NOTE ** One aerodynamic improvement in the Trent engine is the use of contra-rotating spools. I do not recall positively which ones rotate opposite to others, but I think the IP and LP are opposite. IF this is the case, R-R had the opportunity to ELIMINATE the first stage LPT stator, because the swirl flow upon leaving the IPT accomplishes the same thing. Less weight, less pressure drop, better efficiency, but also the increased opportunity for an IPT overspeed per the present discussion.

Turbine D

Lyman,

Your quote:
Again, from the ATSB Interim Factual Report

Quite honestly, I never saw this report until yesterday.
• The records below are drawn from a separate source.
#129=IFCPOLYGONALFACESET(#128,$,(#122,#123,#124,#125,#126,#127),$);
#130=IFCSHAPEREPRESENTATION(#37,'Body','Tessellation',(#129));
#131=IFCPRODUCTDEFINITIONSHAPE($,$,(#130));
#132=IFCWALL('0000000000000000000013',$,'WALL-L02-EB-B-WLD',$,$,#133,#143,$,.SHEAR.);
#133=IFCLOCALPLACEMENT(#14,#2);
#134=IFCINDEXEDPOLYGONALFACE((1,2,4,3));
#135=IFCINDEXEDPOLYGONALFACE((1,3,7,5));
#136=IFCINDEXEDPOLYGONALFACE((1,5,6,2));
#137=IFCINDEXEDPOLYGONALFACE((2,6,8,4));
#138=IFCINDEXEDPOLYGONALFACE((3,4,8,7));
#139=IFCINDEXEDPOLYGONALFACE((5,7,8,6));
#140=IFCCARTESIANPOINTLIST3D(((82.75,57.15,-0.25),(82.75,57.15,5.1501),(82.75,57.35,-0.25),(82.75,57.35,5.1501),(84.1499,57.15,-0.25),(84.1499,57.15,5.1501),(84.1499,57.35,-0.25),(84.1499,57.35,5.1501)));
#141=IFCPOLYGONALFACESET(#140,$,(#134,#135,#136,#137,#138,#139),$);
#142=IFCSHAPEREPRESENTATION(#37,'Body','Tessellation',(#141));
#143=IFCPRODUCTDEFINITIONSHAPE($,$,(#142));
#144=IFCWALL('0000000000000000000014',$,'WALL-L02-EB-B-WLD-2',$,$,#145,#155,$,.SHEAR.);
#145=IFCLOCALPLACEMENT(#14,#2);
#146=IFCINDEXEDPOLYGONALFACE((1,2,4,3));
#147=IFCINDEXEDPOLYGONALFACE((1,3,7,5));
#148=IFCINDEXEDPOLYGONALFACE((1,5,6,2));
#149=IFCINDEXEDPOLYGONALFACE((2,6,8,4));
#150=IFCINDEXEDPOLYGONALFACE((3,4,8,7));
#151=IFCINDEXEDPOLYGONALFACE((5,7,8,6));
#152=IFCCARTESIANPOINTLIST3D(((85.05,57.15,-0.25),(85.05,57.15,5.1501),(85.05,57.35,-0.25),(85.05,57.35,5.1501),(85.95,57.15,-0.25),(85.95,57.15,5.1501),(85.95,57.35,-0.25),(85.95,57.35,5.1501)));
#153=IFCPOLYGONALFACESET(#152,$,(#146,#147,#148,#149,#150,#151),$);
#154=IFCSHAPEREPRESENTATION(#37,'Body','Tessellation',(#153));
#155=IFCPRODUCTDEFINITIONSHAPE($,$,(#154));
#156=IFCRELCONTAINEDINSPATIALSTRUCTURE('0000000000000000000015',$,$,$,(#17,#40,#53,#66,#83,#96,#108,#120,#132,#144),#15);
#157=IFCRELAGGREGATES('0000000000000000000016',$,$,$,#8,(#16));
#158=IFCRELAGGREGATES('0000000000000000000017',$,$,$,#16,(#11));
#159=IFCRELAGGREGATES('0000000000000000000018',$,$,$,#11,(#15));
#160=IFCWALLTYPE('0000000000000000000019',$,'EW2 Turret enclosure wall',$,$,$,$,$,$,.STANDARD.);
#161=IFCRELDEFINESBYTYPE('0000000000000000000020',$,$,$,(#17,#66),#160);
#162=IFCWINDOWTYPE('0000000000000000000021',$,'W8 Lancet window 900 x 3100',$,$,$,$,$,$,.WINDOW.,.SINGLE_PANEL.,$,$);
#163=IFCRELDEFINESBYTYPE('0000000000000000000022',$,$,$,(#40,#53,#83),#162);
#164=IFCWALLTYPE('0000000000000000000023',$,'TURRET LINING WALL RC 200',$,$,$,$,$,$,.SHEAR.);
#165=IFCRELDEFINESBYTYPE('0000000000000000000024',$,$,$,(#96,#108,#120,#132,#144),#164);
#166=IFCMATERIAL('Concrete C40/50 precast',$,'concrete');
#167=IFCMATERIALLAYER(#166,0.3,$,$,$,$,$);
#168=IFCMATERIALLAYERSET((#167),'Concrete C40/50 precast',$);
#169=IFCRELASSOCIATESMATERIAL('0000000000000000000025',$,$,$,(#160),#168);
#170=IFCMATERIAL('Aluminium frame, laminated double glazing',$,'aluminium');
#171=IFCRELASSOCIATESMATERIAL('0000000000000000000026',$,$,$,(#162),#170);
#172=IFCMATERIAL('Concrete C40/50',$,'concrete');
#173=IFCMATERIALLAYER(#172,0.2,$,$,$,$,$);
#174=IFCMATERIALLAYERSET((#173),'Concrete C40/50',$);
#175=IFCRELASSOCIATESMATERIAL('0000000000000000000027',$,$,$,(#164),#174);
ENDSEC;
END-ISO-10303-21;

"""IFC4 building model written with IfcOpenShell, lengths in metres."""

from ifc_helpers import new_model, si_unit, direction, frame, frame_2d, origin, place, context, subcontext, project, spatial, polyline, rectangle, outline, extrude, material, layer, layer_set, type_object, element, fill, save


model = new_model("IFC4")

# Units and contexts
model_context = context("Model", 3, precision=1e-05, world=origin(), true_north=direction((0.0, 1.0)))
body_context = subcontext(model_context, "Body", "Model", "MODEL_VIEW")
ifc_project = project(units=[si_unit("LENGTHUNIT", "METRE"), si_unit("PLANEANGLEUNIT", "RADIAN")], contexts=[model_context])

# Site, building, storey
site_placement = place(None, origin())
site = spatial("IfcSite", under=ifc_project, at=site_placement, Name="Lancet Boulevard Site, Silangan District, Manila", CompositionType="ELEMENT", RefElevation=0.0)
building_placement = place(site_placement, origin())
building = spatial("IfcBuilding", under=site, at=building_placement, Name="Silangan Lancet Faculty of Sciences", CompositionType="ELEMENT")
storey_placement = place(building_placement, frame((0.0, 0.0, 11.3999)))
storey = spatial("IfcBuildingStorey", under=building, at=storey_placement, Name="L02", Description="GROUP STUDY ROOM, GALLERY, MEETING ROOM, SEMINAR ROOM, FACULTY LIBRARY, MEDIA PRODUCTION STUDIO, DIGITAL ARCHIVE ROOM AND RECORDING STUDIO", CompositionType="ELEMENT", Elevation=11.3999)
It describes what I have thought and tried to express to you all along. However, you believe differently with no evidence to support your theories. So it remains a standoff, your theories verses factual information and some turbine engine experiences on my part. No sense in continuation of this discussion.

Simple, it started a fire in a very sensitive area of the engine that generated heat on top of what was already present, which when combined, exceeded the disc material capability for the temperature experienced.

Turbine D

Hi barit1,

On the Trent 900 engine, the LP & IP rotors turn counter clockwise with the HP rotor turning clockwise. This enables elimination of the stationary nozzle between the HPT blade wheel and the IPT blade wheel. The only thing between the two is a sheet metal frame structure that contained the failed oil feed pipe that started the fire. The stage 1 LPT nozzle is still there, but has a significantly larger diameter due to the conical nature of the LPT.

Lyman

Hi barit1 I think it is HPC that spins contra. The HP shaft is nested inside the well of the IP shaft and the bearings for each have a ~20000 rpm differential due rotation opposition.
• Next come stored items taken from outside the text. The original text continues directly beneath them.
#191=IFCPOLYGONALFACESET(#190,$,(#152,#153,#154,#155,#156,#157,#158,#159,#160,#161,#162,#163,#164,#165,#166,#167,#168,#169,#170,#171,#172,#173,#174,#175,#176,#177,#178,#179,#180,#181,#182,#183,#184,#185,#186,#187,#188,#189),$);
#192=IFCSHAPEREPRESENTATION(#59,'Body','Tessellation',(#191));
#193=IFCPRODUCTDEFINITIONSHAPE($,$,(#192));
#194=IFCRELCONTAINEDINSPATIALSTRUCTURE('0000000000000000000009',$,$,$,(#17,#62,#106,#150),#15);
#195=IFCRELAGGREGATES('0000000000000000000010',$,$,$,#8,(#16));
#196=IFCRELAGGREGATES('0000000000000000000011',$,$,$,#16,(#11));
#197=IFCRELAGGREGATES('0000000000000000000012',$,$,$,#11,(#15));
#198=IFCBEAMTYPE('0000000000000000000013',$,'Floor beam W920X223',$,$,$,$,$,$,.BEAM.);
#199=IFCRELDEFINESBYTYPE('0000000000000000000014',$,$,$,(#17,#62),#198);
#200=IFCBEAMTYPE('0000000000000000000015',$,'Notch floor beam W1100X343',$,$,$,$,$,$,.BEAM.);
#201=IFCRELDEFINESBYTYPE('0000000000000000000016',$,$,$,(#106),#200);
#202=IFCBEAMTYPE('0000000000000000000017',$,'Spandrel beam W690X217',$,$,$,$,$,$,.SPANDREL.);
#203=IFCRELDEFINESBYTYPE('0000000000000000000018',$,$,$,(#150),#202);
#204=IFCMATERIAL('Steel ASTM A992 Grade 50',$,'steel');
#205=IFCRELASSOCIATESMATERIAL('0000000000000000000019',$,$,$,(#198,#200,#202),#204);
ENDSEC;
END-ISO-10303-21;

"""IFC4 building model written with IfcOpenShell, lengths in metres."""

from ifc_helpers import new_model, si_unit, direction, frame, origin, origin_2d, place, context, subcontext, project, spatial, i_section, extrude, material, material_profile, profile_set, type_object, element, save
TD: From the schematic, the bearings for the aft terminus of the IP shaft are on the shaft side, the Power Arm is outboard of the shaft's end, as it returns foreward, surrounding the bearings. Thus any separation of the Power Arm from the wheel eliminates the cvarriage for the Turbine Disc, via separation, The Disc has no structure left, it is not as if the wheel is inboard, and merely spins on, without bearings.
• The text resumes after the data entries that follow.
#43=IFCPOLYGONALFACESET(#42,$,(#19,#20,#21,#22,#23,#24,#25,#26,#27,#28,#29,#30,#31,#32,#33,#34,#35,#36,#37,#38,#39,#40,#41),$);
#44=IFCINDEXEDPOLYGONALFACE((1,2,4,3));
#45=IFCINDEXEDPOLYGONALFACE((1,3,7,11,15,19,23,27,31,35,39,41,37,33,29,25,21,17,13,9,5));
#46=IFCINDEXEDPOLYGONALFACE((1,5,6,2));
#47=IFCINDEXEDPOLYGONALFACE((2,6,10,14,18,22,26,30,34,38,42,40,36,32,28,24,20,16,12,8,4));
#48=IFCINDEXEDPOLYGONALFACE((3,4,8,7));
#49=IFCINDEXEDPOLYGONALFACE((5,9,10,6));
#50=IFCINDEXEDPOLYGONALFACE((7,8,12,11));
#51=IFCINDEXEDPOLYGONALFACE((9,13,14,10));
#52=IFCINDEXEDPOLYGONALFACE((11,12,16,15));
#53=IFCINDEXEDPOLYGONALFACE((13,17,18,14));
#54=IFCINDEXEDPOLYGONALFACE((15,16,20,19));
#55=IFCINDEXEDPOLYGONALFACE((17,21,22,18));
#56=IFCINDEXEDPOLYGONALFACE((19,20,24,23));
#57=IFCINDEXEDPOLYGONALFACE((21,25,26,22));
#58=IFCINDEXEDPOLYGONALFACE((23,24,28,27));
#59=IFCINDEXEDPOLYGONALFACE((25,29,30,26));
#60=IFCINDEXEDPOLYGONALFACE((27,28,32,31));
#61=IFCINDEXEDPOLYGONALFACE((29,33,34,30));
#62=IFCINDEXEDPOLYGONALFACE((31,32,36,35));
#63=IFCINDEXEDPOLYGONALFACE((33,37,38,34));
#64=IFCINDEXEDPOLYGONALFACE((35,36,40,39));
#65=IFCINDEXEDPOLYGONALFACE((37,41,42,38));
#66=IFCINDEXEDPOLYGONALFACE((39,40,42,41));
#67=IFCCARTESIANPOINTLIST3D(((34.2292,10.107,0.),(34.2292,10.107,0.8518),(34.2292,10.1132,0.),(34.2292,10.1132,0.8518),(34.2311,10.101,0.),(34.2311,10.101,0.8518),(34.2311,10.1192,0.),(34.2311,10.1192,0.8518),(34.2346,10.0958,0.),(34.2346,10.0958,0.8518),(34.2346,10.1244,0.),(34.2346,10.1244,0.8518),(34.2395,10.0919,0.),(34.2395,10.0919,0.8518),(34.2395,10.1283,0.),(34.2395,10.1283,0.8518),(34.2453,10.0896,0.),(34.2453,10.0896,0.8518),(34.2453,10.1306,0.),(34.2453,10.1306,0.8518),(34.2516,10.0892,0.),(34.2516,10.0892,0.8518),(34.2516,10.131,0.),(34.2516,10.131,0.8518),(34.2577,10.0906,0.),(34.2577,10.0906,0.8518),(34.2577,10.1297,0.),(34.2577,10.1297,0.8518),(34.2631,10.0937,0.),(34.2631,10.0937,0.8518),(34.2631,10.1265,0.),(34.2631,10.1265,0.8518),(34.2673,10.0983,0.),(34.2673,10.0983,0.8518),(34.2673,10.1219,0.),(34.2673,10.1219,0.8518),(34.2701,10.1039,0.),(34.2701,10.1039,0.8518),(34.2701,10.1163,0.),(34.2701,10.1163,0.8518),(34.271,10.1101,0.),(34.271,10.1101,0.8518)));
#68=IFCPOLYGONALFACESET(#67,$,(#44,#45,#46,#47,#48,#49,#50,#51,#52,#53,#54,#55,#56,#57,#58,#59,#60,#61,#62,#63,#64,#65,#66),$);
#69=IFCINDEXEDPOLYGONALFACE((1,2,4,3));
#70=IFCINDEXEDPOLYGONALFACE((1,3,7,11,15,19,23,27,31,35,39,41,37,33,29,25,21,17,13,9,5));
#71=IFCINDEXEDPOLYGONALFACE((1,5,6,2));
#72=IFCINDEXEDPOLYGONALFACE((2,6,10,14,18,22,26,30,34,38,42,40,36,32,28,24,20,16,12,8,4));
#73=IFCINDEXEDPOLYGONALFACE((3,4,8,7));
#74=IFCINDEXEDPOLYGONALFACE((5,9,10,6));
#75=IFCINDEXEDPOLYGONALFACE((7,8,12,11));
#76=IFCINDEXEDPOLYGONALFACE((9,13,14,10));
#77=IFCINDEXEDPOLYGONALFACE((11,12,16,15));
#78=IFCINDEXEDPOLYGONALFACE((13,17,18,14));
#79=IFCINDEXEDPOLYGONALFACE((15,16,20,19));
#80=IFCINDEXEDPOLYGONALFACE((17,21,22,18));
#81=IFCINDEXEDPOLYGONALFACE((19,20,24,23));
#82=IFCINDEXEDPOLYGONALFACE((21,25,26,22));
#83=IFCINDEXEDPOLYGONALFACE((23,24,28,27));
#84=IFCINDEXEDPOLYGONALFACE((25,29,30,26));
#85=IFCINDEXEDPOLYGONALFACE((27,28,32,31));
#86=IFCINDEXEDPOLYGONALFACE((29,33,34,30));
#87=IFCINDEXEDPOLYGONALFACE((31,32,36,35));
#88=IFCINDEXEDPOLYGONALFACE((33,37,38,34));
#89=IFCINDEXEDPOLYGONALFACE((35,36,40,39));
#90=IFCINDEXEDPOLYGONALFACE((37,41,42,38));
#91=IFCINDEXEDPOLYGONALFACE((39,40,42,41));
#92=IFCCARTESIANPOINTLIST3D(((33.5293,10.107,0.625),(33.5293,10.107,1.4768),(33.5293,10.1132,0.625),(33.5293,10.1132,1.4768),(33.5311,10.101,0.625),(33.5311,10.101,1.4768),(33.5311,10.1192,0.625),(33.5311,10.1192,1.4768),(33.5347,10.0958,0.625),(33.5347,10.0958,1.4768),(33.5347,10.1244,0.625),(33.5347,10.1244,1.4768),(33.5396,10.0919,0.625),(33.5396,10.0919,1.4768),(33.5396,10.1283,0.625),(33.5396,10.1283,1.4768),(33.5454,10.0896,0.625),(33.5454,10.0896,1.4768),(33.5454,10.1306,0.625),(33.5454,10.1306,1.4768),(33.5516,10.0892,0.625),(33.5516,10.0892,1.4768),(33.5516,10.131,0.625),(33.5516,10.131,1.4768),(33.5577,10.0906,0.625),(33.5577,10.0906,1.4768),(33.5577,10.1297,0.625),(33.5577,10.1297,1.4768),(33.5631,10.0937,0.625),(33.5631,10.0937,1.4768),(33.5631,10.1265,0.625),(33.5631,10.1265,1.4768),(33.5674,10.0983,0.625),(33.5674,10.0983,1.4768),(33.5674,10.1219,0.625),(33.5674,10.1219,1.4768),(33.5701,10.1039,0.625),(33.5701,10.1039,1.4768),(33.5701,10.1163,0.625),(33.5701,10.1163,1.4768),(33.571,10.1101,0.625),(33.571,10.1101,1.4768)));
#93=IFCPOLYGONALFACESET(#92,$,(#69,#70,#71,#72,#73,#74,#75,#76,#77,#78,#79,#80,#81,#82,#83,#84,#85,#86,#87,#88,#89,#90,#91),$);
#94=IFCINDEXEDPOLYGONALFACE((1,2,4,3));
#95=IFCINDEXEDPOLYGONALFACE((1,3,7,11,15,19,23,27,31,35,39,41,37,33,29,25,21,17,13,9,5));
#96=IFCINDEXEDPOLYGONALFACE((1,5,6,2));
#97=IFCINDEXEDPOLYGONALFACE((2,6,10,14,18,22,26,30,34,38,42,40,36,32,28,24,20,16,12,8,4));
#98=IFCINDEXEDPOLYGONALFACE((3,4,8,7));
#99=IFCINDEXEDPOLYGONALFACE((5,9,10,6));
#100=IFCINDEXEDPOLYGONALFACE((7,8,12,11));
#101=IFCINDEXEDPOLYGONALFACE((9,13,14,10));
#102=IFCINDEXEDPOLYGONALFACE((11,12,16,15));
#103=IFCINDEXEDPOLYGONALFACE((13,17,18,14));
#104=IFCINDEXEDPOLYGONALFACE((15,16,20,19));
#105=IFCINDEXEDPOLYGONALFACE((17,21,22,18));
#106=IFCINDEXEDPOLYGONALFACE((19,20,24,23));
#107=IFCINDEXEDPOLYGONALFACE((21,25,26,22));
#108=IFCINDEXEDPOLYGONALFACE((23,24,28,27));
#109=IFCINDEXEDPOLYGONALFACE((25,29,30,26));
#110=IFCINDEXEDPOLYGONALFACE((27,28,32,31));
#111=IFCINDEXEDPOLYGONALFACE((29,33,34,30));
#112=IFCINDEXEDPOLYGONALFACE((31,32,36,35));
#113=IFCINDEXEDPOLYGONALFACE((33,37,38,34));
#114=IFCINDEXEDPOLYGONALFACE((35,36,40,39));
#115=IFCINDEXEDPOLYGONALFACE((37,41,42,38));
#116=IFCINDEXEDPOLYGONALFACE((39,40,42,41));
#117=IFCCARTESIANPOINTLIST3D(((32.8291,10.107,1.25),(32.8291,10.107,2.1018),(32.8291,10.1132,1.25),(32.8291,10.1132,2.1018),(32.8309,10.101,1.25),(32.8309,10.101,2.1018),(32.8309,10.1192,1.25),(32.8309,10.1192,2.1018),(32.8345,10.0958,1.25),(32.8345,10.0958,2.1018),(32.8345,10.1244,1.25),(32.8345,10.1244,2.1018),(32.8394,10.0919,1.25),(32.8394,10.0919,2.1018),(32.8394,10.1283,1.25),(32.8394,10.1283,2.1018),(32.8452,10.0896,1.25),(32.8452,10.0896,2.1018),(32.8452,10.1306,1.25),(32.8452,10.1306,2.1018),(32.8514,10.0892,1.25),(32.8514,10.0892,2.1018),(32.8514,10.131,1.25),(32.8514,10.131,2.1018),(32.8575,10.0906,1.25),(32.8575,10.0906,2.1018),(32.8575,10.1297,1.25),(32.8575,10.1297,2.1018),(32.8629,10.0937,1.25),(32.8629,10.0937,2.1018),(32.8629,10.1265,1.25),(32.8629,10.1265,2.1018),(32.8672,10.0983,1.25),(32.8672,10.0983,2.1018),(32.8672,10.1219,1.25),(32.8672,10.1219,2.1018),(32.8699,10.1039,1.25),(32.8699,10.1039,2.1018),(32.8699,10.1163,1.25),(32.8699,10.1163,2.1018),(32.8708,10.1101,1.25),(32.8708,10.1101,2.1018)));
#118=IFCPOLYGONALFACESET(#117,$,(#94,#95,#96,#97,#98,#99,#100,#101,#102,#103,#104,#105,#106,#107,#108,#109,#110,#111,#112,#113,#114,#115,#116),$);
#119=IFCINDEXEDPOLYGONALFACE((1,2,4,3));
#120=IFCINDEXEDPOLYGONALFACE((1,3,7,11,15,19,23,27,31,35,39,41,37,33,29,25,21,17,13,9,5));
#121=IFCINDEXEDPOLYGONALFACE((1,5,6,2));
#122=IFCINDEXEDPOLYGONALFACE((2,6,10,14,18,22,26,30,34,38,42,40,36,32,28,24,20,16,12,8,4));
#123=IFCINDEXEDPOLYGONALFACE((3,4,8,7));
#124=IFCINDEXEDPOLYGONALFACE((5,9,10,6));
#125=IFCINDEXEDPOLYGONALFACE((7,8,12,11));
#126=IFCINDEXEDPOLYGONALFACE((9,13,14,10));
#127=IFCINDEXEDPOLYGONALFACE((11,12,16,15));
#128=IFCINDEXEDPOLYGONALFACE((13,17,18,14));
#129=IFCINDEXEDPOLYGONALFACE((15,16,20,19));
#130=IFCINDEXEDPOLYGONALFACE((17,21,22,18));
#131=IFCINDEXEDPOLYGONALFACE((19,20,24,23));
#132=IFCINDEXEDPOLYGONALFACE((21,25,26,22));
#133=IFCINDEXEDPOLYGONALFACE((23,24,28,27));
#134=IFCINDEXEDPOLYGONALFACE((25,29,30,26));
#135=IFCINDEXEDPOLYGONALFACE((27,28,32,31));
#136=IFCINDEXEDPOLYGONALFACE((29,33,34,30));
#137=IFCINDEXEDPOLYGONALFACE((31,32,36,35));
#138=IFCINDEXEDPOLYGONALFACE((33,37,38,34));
I have read the report, and it can be read in at least two ways, leaving unclear some of the evidence/conclusion chain of thought.

I have spent hours reviewing the schematic, and to me, it is simple. I might be missing some element, or the drawing may be incomplete or inaccurate. The mate for the Power Arm, Wheel, Shaft, and bearing is in the three lam sandwich at the most aft end of the shaft. If these retaining bolts sheared, the entire Arm/assembly is lost, there is no possibility for any retention of the Wheel's mass for any length of time.

Could you post the Drawing? I have limited computer skill, and perhaps if addressing the same drawing, we could meet in our thoughts? I don't doubt either of you gents, and am in deep water with you two, my mechanical skill is better than my theoretical, and I stand to be corrected, always....

Turbine D

Lyman,

The innermost shaft is the LP, the outermost is the HP and IP shaft is between the HP & LP. The bearing supporting the HP rotors are separate (independent) from the IP rotors.

The IP disc accelerated to burst while still over at least part of the two rear roller bearings.

I don't see how you can read the ATSB Report two ways...

barit1

Lyman & Turbine D:Thank you for reconnecting my aging neurons! My argument stands amended.